Генрих Августович был из прибалтийских немцев и имел своеобразный выговор. «В-ы-хо-д-и-л-а на бьерег Катьюша…» – подбадривал он нас, кивая головой в такт. Некоторые подхватывали песню. Но в основном все были заняты своими делами. Сквозь откровенный гвалт и шум Генрих Августович напоминал мне рыбу: он стоял у доски и рисовал ноты, через шум и смех виден был только открывающийся рот. Он что-то рассказывал, рисуя, потом оглядывался на нас, на секунду замолкая и прислушиваясь – не последует ли возражений? Потом, убедившись, что никто не возражает, он кивал и продолжал рассказ.
Первое его появление в классе вызвало взрыв смеха.
Как и положено маэстро, он был одет во фрак. Седые волосы до плеч придавали ему особую артистичность. Он не мог усидеть за столом и всегда прохаживался от окна к школьной доске. Иногда прохаживался по проходам между партами, но никогда не доходил до последних парт, где сидели второгодники.
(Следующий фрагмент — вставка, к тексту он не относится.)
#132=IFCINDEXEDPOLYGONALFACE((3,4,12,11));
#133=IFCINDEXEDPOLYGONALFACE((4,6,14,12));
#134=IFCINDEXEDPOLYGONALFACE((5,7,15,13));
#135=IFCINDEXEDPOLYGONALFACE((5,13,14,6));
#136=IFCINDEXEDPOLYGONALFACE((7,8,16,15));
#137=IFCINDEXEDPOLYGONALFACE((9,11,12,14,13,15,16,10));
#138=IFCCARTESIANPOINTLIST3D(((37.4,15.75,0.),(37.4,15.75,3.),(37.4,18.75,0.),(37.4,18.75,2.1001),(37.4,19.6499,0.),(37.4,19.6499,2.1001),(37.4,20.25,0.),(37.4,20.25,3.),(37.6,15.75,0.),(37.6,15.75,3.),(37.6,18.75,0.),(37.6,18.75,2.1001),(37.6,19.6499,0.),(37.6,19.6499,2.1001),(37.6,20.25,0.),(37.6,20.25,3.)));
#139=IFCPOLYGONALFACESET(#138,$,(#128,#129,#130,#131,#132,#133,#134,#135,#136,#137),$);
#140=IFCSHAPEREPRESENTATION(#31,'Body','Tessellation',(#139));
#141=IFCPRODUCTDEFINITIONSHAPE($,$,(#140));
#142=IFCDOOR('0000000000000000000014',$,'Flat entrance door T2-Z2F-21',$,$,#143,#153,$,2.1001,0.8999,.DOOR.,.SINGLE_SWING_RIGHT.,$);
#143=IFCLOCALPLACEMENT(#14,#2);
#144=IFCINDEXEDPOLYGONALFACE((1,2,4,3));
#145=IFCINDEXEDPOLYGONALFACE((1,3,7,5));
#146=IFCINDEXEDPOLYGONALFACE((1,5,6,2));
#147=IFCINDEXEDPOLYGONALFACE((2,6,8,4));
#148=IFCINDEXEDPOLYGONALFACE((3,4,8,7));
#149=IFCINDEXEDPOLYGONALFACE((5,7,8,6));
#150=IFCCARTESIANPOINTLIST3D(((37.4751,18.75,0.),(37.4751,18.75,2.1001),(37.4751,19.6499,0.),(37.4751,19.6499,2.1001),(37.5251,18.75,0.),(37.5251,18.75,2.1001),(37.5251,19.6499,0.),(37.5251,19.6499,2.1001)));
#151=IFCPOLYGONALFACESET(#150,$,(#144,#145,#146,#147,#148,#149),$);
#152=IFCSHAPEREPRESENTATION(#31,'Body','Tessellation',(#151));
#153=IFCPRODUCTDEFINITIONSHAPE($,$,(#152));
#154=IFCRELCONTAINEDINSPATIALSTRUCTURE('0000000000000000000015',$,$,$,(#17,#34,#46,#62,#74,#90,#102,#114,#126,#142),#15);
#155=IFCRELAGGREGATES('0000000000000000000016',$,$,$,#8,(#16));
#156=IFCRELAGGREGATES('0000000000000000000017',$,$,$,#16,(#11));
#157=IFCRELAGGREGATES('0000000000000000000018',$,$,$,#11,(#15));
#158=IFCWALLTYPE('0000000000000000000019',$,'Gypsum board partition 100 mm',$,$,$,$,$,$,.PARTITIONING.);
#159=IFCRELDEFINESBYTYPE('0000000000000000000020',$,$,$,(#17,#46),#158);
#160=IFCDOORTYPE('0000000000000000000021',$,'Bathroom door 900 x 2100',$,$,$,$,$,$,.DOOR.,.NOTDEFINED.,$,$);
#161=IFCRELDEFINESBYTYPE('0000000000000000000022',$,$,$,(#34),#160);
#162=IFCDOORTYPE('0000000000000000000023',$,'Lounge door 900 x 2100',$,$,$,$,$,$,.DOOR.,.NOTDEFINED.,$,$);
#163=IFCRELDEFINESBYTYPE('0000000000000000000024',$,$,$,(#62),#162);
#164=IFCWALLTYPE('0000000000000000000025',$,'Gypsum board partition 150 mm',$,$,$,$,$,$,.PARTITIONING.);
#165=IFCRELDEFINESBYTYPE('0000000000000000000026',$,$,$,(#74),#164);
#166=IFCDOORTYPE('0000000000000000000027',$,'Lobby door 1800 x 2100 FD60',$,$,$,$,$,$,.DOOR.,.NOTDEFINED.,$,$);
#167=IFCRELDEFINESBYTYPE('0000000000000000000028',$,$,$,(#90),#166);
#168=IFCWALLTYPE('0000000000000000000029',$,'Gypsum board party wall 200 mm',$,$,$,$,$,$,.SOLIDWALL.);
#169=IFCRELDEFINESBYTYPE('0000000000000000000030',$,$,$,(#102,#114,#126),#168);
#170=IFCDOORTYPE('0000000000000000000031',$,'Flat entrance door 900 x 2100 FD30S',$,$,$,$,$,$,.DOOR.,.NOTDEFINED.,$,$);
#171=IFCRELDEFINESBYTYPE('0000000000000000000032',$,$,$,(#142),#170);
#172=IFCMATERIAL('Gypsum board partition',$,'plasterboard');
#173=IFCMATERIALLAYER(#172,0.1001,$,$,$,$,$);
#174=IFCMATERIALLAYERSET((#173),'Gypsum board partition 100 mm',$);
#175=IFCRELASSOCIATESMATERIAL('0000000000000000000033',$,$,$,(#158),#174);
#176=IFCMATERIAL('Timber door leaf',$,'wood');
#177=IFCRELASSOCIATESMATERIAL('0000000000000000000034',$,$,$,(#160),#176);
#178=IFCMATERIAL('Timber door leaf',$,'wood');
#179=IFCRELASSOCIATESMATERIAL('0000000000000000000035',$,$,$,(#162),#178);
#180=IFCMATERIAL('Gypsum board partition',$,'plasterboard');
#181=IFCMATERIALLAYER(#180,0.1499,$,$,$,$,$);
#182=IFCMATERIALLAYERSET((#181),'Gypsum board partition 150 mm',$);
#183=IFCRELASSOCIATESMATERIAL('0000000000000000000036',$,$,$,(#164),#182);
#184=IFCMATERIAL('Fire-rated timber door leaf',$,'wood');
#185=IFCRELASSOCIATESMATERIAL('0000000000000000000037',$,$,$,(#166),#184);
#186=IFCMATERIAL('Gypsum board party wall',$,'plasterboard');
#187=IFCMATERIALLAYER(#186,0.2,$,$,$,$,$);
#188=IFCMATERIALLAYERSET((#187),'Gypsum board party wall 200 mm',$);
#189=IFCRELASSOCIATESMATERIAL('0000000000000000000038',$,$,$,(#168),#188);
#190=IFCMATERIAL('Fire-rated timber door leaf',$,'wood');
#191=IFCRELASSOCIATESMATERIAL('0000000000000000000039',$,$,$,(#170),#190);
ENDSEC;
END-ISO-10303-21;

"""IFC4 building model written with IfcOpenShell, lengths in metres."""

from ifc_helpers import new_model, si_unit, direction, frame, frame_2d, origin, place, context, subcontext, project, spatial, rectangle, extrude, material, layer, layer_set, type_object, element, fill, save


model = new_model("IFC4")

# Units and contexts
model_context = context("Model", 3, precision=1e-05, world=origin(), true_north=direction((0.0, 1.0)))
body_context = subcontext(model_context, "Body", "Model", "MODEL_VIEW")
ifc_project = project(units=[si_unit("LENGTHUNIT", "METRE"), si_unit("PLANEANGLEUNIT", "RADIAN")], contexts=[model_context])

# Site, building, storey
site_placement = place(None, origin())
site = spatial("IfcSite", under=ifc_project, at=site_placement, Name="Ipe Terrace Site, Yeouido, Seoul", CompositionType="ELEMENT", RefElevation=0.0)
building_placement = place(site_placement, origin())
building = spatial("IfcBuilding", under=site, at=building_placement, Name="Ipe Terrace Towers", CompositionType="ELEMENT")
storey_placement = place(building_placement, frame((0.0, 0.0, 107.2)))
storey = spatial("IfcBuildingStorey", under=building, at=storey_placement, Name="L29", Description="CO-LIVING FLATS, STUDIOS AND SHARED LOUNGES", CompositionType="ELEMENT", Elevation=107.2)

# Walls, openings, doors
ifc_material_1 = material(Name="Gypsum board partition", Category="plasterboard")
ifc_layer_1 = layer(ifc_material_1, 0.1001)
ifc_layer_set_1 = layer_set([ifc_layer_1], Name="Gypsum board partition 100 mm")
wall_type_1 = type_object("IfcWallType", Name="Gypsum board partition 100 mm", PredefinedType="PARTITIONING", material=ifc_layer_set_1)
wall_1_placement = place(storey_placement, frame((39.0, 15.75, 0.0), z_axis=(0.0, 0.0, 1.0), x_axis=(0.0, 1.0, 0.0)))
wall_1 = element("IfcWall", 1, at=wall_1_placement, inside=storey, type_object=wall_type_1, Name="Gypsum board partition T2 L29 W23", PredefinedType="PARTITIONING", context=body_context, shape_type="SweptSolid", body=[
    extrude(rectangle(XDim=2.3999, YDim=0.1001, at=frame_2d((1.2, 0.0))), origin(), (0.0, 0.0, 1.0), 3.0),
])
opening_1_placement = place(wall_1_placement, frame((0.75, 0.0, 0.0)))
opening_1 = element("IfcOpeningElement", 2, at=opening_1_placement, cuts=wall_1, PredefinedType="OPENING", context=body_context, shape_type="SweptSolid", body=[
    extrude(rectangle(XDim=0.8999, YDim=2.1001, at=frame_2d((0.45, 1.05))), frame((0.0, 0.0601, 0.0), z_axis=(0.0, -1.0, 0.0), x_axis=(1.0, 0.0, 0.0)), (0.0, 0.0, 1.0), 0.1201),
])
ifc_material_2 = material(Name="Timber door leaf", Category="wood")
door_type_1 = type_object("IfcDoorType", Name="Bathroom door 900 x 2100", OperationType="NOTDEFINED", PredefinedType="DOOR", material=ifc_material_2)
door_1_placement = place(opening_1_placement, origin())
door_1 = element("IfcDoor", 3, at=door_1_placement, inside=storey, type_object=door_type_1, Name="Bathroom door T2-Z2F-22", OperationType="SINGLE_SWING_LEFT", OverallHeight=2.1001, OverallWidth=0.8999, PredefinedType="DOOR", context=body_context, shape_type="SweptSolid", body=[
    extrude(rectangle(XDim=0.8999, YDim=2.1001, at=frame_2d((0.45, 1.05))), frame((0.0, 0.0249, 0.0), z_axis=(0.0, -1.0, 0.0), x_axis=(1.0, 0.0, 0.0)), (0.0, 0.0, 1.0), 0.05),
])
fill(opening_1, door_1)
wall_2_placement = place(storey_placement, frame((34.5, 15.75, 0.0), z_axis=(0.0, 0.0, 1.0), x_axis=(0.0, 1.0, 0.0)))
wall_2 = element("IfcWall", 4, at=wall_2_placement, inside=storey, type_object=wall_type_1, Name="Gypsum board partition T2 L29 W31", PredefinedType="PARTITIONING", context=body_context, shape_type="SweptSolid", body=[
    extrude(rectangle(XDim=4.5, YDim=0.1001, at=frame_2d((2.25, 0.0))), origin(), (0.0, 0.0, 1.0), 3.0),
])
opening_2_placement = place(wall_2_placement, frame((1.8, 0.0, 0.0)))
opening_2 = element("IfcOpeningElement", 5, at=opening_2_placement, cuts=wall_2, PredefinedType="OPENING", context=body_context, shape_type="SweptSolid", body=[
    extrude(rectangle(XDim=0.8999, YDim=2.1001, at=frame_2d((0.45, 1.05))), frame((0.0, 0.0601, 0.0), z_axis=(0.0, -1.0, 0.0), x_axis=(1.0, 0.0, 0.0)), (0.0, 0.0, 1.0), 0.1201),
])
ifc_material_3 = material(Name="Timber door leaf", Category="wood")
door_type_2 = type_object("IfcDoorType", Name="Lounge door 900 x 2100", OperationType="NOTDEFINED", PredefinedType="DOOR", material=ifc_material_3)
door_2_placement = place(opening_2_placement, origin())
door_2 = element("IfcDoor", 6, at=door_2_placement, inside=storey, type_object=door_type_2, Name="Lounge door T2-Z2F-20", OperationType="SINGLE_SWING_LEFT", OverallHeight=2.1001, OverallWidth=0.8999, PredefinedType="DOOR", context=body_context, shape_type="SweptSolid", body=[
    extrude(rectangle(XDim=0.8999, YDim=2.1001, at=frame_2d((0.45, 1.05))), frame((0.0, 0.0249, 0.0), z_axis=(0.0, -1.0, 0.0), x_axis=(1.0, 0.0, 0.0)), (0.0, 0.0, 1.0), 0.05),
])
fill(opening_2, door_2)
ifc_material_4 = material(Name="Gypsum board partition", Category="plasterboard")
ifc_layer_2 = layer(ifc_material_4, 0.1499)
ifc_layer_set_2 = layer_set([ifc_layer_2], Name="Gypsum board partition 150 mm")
Он делал несколько шагов, напевая и заглядывая налево и направо в нотные тетради учеников, потом, дойдя до середины прохода, останавливался, поднимая вверх дирижёрскую палочку, всматривался
Но первое же удачное па принесло ему незаслуженную славу. Как только он повернулся к классу спиной, все увидели предательски торчавший из шва на плече клок ваты.
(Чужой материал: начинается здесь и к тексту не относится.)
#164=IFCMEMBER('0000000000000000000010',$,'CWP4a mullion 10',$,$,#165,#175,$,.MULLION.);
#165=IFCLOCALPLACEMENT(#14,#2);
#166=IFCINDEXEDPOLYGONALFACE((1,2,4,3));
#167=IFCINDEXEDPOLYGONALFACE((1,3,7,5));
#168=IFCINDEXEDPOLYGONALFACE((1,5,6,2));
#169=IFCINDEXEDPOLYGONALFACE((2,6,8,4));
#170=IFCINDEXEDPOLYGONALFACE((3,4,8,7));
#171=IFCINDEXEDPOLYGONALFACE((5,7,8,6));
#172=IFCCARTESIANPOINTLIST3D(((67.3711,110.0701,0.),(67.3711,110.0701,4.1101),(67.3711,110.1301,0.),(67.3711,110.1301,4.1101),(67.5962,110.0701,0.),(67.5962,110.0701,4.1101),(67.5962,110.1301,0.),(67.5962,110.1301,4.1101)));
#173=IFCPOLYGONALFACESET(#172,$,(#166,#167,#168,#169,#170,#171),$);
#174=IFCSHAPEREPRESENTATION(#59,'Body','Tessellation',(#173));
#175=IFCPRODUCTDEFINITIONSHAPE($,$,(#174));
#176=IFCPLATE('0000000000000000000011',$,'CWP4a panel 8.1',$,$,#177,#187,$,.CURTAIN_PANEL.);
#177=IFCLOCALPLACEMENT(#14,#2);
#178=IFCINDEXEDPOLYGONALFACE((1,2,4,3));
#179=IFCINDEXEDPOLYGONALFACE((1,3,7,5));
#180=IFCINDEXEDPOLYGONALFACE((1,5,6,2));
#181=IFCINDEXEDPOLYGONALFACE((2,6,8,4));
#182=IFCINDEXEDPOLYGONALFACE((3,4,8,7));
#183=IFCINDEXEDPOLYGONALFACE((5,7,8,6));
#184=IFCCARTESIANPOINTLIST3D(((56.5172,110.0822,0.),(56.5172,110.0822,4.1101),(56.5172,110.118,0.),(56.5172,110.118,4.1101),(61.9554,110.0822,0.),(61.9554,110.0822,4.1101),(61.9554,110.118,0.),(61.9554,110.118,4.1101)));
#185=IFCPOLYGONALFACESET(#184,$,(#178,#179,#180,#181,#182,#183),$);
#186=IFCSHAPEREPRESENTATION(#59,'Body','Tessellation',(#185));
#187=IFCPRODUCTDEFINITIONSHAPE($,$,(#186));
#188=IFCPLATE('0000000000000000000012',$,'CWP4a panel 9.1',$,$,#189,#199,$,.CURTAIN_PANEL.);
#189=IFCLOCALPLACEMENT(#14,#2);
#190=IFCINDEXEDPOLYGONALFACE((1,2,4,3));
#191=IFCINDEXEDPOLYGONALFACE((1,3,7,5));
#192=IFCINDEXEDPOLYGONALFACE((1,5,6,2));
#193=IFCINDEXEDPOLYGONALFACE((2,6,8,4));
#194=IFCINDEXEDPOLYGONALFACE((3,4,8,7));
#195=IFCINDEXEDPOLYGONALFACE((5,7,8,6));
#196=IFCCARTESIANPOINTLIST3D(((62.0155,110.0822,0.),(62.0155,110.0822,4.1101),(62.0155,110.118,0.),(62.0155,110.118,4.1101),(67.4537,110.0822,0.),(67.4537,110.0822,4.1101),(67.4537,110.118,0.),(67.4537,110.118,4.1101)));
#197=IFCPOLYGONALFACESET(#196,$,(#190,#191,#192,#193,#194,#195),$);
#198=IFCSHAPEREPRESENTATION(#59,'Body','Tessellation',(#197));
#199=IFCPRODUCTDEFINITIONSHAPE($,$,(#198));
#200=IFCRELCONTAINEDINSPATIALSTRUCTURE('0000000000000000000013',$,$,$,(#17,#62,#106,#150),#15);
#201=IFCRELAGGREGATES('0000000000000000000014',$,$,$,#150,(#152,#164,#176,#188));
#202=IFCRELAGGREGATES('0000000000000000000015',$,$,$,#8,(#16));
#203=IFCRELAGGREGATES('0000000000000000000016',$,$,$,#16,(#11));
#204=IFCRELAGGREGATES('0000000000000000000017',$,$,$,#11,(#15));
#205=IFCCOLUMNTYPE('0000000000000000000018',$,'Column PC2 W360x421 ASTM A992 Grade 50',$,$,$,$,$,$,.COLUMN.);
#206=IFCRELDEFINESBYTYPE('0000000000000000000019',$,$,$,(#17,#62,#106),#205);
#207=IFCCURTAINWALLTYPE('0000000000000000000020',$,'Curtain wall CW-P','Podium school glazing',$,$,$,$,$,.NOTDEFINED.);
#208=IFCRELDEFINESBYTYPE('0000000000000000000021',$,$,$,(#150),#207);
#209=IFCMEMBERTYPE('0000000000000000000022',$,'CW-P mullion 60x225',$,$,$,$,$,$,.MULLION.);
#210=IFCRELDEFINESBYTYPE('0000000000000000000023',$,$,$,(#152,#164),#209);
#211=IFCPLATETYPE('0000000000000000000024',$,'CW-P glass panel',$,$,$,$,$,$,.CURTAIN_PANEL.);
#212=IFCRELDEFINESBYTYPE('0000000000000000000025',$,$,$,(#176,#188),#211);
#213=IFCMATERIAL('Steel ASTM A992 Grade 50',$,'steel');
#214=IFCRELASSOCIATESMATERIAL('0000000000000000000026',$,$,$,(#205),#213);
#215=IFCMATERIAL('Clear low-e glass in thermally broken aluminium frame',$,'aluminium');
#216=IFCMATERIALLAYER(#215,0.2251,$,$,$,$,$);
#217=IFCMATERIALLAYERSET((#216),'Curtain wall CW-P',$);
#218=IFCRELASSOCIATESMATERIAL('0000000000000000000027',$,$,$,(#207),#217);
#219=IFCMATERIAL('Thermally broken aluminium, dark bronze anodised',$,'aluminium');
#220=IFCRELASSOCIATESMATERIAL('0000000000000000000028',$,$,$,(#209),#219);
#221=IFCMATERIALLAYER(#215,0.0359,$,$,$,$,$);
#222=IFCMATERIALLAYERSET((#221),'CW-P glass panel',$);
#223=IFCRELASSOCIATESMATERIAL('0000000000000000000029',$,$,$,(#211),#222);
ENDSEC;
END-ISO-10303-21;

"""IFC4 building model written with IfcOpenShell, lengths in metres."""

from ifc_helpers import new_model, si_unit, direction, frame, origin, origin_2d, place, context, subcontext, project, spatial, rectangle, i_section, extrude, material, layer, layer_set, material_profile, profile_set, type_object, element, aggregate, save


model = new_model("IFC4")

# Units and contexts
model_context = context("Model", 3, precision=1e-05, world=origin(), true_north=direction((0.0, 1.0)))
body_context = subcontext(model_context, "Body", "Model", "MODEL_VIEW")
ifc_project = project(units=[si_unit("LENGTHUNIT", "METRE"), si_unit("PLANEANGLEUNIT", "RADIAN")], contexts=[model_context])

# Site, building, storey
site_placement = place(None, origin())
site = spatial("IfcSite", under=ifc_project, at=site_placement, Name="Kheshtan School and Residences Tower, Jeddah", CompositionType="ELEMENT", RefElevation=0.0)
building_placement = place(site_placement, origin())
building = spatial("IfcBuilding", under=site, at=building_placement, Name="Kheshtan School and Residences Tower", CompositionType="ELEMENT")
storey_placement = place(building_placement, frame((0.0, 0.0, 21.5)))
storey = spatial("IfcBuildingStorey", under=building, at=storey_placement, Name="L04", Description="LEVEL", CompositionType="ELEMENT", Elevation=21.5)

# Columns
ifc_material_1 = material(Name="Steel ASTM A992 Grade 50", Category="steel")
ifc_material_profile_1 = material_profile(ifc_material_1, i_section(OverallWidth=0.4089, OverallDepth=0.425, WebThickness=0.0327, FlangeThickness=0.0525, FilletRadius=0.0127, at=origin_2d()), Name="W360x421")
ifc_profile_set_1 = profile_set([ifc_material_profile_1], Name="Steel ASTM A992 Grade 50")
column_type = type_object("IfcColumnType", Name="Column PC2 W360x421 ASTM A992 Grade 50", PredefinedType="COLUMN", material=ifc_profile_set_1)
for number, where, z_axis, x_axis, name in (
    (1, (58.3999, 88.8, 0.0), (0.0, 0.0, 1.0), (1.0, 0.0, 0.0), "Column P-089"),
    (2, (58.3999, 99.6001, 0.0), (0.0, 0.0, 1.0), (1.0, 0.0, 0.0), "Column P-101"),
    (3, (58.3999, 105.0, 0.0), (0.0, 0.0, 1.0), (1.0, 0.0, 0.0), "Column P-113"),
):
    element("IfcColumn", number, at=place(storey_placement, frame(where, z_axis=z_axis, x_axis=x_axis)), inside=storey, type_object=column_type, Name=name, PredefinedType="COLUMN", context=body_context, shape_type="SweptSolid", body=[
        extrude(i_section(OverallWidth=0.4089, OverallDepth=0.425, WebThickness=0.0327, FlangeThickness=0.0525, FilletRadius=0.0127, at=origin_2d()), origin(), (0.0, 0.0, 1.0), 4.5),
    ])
Порвал он фрак только сейчас или он такой был всегда – уже никого не интересовало.
– Ля-а-а! – пел он, приставив камертон к уху. Он ударял им по столу, приглашая нас прислушаться.
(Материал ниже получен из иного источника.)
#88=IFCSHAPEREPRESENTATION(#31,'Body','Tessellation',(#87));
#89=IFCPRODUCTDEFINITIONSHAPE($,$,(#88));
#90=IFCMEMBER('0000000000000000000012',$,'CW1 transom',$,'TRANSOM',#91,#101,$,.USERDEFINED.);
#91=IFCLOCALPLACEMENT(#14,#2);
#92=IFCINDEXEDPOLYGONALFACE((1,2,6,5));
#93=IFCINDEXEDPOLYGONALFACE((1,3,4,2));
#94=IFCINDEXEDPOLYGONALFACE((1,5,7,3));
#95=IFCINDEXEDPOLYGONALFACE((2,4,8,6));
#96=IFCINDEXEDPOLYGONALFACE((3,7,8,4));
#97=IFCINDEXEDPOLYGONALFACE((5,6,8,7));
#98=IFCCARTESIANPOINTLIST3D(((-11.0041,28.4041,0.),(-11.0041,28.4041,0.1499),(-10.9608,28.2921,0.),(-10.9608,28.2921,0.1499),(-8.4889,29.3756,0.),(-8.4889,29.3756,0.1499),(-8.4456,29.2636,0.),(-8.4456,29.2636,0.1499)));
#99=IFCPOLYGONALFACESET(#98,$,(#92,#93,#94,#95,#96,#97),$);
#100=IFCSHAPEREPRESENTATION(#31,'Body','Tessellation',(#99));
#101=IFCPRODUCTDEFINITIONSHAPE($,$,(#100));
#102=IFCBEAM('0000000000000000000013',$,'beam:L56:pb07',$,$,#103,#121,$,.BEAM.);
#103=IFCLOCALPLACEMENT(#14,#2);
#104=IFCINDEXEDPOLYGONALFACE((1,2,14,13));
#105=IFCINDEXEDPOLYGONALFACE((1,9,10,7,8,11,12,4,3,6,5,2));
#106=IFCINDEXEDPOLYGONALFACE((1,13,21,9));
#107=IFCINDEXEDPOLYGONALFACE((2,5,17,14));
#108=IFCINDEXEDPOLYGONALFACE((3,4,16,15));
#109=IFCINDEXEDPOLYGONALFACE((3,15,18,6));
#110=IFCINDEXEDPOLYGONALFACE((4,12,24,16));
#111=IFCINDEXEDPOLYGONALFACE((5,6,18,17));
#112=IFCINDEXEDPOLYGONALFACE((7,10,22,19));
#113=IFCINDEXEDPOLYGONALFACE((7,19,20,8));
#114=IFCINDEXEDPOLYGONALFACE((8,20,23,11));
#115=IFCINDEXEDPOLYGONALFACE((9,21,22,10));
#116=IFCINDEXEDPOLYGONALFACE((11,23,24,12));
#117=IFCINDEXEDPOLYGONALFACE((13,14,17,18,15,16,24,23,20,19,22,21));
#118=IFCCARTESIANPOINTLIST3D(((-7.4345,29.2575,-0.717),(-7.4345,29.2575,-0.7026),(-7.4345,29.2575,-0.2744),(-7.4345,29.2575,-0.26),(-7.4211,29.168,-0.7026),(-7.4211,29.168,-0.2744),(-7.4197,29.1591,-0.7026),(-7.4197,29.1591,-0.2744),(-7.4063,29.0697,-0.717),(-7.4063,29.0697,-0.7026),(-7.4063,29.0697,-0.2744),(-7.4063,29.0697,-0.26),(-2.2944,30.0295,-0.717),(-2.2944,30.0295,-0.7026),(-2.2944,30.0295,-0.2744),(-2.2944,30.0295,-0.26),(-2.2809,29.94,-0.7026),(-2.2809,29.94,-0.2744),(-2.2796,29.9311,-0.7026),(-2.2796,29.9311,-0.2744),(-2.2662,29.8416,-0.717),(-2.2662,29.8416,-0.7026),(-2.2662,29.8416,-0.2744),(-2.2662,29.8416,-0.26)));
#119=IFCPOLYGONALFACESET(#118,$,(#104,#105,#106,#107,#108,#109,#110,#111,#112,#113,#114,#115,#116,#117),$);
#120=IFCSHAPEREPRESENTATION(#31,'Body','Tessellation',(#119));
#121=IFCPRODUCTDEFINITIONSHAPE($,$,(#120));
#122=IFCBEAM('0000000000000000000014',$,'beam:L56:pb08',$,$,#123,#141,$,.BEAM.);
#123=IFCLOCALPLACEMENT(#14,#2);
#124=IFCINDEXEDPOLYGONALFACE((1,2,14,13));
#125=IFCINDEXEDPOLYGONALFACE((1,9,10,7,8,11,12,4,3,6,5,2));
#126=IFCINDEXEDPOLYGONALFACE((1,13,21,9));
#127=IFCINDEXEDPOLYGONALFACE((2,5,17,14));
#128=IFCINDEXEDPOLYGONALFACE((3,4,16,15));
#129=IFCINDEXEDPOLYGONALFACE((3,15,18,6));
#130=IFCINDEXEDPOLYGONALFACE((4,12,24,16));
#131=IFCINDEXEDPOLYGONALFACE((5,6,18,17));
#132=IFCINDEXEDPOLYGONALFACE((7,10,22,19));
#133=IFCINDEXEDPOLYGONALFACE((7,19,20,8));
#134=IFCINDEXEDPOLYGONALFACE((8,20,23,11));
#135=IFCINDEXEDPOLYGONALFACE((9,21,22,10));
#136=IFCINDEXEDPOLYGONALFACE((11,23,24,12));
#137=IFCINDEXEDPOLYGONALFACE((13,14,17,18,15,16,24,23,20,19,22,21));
Удивительное свойство чистой ноты – среди шума, где и сидевшие-то рядом с трудом могли расслышать друг друга, звук камертона звенел, струился поверх наших голосов, совсем на другом уровне познания жизни, призывая нас к порядку.
Заводилой беспорядков был второгодник Валера. Однажды, когда мы встали для исполнения песни хором и Генрих Августович подошёл к Валере, чтобы послушать, как он поёт, Валера начал выдавать вместо слов отборный мат. И как ни странно, Генрих Августович стоял и слушал, довольно улыбаясь, потом отошёл, давая ему знак, чтобы продолжал.
И всё это происходило в эпоху развитого социализма.
«Тутти! – загребал он руками воздух. – Тутти! Все вместе!»
Хулиганским фантазиям Валеры не было предела. На одном из уроков он поджёг шнурок от ботинка, слегка притушил его и повесил за радиатор.
Генрих Августович стал принюхиваться.
– У нас что-то горит, Генрих Августович! – сказал, вращая головой, Валера.
– Дети, выходите в коридор. Я сейчас вызову пожарную машину!
Поняв, что дело приобретает серьёзный оборот, Валера сорвался с места:
– Я сейчас намочу тряпку и потушу эту паутину!
«Sul mare luccica l’astro d’argento…» – писал на доске Генрих Августович.
– Не обижайтесь, – говорил нам Генрих Августович, – но на первом месте итальянские песни. А потом, на втором, – ваши, русские! – потряхивал он кулаком.
Он проработал в школе одну четверть, а потом исчез, вероятнее всего, опять спустился в оркестровую яму, в привычную ему атмосферу гармонии, где он мог спрятать свою безобидность и незащищённость за грохотом барабана или, сглотнув слёзы, поплакать в душе вместе со скрипкой, исполняя одну из арий из оперы Пуччини.
Исчезла из эфира и моя любимая песня. Зелёный индикатор настройки приёмника погас, и я вместе с ним исчез на тридцать пять лет. Я осторожно отодвинул покрытый пылью бордовый занавес и шагнул за сцену.
Желания мои, которые раньше исполнялись, спустя непродолжительное время стали обманывать меня и не сбываться, а иногда за бытовой рутиной и изматывающей работой я и сам забывал то, что я загадал для себя когда-то. Мне казалось, что я нахожусь в лёгком летаргическом сне, что, как сомнамбула, я что-то делаю, с кем-то разговариваю, но моё настоящее не здесь и сейчас, а будущее определено, и его ровный туманный слой, в который мне придётся скоро войти, так же отдаляется от меня, как и мой возраст, – достаточно мне сделать шаг ему навстречу, и оно, это будущее, отодвигается на такую же дистанцию, на какую я вздумал приблизиться к нему.